Abstract
Purpose of review
Neurodegenerative diseases often cause focal damage to brain structures mediating social cognition and personality, resulting in altered interpersonal communication and behavior. We review recent research describing this phenomenon in various aspects of social cognition.
Recent findings
Corresponding to their pervasive social-emotional deficits, patients with frontotemporal dementia perform poorly on lab-based tasks including recognizing emotions, attending to salient information that guides social behavior, representing social knowledge, comprehending others’ mental states, and maintaining insight to their own difficulties. Together with poor executive and regulation mechanisms, these social cognition deficits ultimately impact behavior. Patients with logopenic and nonfluent primary progressive aphasia have some deficits recognizing emotional prosody, while those with the semantic variant show more widespread deficits in social comprehension. While Alzheimer’s disease patients perform poorly on some social cognition tasks, this typically reflects general cognitive impairment, and their real-life social functioning is less affected than in diseases targeting frontotemporal structures. Studies in motor diseases such as Parkinson’s suggest some degradation of emotion recognition and social comprehension which should be investigated further.
Summary
We summarize recent findings concerning perception and evaluation of socioemotional information, social knowledge storage and access, advanced information processing mechanisms, and behavioral response selection and regulation across various neurodegenerative diseases.

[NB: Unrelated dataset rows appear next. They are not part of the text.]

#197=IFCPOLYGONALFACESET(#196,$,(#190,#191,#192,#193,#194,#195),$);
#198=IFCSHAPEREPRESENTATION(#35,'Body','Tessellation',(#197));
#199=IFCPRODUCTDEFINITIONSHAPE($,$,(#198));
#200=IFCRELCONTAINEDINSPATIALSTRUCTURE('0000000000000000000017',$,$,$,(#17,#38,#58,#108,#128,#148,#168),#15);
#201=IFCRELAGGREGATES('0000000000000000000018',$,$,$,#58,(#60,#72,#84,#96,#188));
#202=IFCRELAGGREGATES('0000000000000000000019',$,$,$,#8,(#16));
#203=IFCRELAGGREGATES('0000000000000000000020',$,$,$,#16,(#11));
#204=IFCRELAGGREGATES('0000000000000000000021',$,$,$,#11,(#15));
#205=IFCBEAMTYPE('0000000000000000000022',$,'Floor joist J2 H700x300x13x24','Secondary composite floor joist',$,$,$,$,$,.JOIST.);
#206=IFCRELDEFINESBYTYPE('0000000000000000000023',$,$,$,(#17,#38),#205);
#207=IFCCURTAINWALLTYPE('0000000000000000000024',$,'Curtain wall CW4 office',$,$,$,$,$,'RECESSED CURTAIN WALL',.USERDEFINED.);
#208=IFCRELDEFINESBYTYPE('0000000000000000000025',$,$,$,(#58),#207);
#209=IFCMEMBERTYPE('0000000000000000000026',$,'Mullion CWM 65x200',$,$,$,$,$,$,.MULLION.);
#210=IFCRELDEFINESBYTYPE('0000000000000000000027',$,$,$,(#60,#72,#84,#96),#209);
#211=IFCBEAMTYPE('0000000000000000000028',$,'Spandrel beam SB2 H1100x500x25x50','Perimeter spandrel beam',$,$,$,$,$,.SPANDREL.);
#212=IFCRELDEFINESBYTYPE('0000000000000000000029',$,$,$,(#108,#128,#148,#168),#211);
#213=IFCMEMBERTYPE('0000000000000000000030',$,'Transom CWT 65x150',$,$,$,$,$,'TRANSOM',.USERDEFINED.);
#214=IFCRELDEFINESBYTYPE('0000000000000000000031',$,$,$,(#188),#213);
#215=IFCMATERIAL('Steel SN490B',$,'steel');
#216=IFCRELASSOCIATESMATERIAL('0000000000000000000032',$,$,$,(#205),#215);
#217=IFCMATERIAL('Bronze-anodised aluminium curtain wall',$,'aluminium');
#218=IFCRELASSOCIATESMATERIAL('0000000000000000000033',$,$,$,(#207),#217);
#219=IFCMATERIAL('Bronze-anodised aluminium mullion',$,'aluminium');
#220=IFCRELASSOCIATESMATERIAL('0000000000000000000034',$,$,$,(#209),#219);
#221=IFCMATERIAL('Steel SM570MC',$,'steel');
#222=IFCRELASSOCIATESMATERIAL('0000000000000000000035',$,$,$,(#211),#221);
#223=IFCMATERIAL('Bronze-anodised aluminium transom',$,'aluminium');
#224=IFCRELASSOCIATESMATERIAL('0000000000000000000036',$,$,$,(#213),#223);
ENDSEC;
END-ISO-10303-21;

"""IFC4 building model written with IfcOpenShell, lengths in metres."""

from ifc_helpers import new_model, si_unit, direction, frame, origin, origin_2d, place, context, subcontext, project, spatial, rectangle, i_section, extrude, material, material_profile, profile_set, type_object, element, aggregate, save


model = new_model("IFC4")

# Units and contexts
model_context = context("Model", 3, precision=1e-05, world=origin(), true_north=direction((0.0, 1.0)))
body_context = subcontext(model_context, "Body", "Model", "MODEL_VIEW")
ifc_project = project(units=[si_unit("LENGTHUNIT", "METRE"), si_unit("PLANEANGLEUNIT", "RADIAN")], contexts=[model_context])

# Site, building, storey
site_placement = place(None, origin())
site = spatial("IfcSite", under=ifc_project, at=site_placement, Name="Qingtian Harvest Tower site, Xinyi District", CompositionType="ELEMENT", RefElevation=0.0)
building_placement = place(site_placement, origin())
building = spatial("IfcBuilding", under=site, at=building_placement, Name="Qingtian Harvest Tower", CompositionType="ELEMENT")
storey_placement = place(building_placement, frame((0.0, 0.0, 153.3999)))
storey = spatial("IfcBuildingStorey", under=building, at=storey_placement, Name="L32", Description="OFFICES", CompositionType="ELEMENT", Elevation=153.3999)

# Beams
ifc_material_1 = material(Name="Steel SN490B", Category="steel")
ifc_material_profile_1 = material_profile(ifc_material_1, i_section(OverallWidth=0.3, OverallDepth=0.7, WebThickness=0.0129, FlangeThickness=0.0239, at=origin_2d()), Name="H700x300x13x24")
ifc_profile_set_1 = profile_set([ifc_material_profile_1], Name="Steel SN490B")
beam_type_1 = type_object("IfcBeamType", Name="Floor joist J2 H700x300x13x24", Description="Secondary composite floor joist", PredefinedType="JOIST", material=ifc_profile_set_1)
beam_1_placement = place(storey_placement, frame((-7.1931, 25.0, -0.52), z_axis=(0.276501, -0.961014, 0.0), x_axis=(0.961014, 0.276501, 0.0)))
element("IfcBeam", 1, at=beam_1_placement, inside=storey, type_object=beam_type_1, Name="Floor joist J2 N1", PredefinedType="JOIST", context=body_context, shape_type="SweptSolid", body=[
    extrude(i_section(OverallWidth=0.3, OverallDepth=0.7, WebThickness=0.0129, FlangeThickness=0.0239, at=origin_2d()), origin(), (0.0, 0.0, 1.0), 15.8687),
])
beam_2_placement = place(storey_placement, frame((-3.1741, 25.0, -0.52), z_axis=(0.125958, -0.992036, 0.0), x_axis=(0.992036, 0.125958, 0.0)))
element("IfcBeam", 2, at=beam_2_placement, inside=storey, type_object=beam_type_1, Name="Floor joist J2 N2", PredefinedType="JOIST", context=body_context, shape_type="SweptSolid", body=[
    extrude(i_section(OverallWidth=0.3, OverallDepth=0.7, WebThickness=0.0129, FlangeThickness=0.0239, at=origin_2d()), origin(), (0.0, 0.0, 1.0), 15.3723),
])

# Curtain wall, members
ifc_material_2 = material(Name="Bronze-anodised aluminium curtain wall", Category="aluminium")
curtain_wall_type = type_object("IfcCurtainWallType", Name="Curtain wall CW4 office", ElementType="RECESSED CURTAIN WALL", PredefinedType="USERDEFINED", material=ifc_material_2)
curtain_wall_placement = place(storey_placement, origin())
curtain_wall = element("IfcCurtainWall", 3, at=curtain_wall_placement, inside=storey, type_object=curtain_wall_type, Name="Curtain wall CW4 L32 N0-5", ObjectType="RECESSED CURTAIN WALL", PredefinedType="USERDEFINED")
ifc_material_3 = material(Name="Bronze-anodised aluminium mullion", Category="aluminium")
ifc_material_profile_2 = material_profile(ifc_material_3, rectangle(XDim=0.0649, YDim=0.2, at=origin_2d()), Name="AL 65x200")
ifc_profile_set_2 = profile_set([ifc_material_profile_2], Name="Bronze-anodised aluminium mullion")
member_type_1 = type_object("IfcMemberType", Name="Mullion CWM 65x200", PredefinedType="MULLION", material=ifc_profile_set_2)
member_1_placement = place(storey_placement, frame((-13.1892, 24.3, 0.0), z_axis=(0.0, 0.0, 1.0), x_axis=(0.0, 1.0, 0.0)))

Keywords: Neurodegenerative diseases, dementia, frontotemporal, social cognition, personality
Introduction
“Social cognition” is comprised of many psychological processes that enable an individual to participate in social interactions [1]. These include perceiving and recognizing social and emotional signals, evaluating the personal emotional relevance of everyday information, maintaining and accessing common social knowledge (e.g., norms), processing higher-order information about beliefs and intentions, and generating and selecting behavioral responses [2,3]. These processes are selectively vulnerable in certain neurodegenerative diseases with prominent altered personality and social behavior, including behavioral variant frontotemporal dementia (bvFTD) [4] and right temporal disease, variably diagnosed [5] as a variant of bvFTD or semantic variant primary progressive aphasia (svPPA) [6]. In Alzheimer’s disease (AD), conversely, social cognition is relatively spared. This review will summarize recent studies characterizing these changes and their neural correlates in neurodegenerative disease patients, organized by social- cognitive mechanism.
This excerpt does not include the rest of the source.